Conditional Likelihood Methods for Haplotype-Based Association Analysis Using Matched Case–Control Data


  • Jinbo Chen,

    Corresponding author
    1. Biostatistics Branch, Division of Cancer Epidemiology and Genetics, National Cancer Institute, 6120 Executive Boulevard, Rockville, Maryland 20852, U.S.A.
    Search for more papers by this author
  • Carmen Rodriguez

    1. Department of Epidemiology and Surveillance Research, American Cancer Society, Atlanta, Georgia 30329-4251, U.S.A.
    Search for more papers by this author


Summary Genetic epidemiologists routinely assess disease susceptibility in relation to haplotypes, that is, combinations of alleles on a single chromosome. We study statistical methods for inferring haplotype-related disease risk using single nucleotide polymorphism (SNP) genotype data from matched case–control studies, where controls are individually matched to cases on some selected factors. Assuming a logistic regression model for haplotype-disease association, we propose two conditional likelihood approaches that address the issue that haplotypes cannot be inferred with certainty from SNP genotype data (phase ambiguity).

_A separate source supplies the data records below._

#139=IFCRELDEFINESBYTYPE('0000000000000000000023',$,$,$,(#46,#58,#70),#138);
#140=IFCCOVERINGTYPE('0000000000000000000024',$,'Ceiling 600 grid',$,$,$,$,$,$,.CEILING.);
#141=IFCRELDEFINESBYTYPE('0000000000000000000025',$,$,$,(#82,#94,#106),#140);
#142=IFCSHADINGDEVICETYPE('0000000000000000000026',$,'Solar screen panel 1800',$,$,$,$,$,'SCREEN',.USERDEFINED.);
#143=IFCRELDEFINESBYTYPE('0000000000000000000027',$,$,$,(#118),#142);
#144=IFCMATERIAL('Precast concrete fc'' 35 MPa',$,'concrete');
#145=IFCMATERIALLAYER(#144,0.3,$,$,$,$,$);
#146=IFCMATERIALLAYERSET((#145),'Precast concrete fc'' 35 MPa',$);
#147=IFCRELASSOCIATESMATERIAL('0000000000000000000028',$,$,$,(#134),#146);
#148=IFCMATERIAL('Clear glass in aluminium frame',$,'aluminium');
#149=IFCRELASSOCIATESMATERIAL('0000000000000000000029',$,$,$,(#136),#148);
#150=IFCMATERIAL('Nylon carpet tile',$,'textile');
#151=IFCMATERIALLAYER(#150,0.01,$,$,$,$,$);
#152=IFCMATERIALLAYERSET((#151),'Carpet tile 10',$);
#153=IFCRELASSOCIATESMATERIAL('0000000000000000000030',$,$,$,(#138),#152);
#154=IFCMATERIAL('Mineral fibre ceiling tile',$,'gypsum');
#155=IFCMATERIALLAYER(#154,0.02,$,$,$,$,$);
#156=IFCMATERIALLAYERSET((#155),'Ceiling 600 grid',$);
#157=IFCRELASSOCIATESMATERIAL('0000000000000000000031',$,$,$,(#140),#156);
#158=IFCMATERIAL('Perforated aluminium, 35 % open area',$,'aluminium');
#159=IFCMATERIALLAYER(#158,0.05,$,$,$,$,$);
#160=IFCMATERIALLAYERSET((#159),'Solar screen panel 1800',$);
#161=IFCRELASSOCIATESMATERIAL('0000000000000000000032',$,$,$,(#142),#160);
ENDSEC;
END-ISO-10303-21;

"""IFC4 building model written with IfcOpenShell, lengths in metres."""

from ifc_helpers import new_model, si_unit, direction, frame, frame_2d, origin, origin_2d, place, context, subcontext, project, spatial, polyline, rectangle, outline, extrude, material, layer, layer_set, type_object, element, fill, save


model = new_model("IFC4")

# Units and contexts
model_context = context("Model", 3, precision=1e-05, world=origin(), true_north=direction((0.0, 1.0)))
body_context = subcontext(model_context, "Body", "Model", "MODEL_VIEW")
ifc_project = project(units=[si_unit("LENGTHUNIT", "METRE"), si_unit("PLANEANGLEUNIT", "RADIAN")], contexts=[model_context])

One approach is based on the likelihood of disease status conditioned on the total number of cases, genotypes, and other covariates within each matching stratum, and the other is based on the joint likelihood of disease status and genotypes conditioned only on the total number of cases and other covariates. The joint-likelihood approach is generally more efficient, particularly for assessing haplotype-environment interactions. Simulation studies demonstrated that the first approach was more robust to model assumptions on the diplotype distribution conditioned on environmental risk variables and matching factors in the control population. We applied the two methods to analyze a matched case–control study of prostate cancer.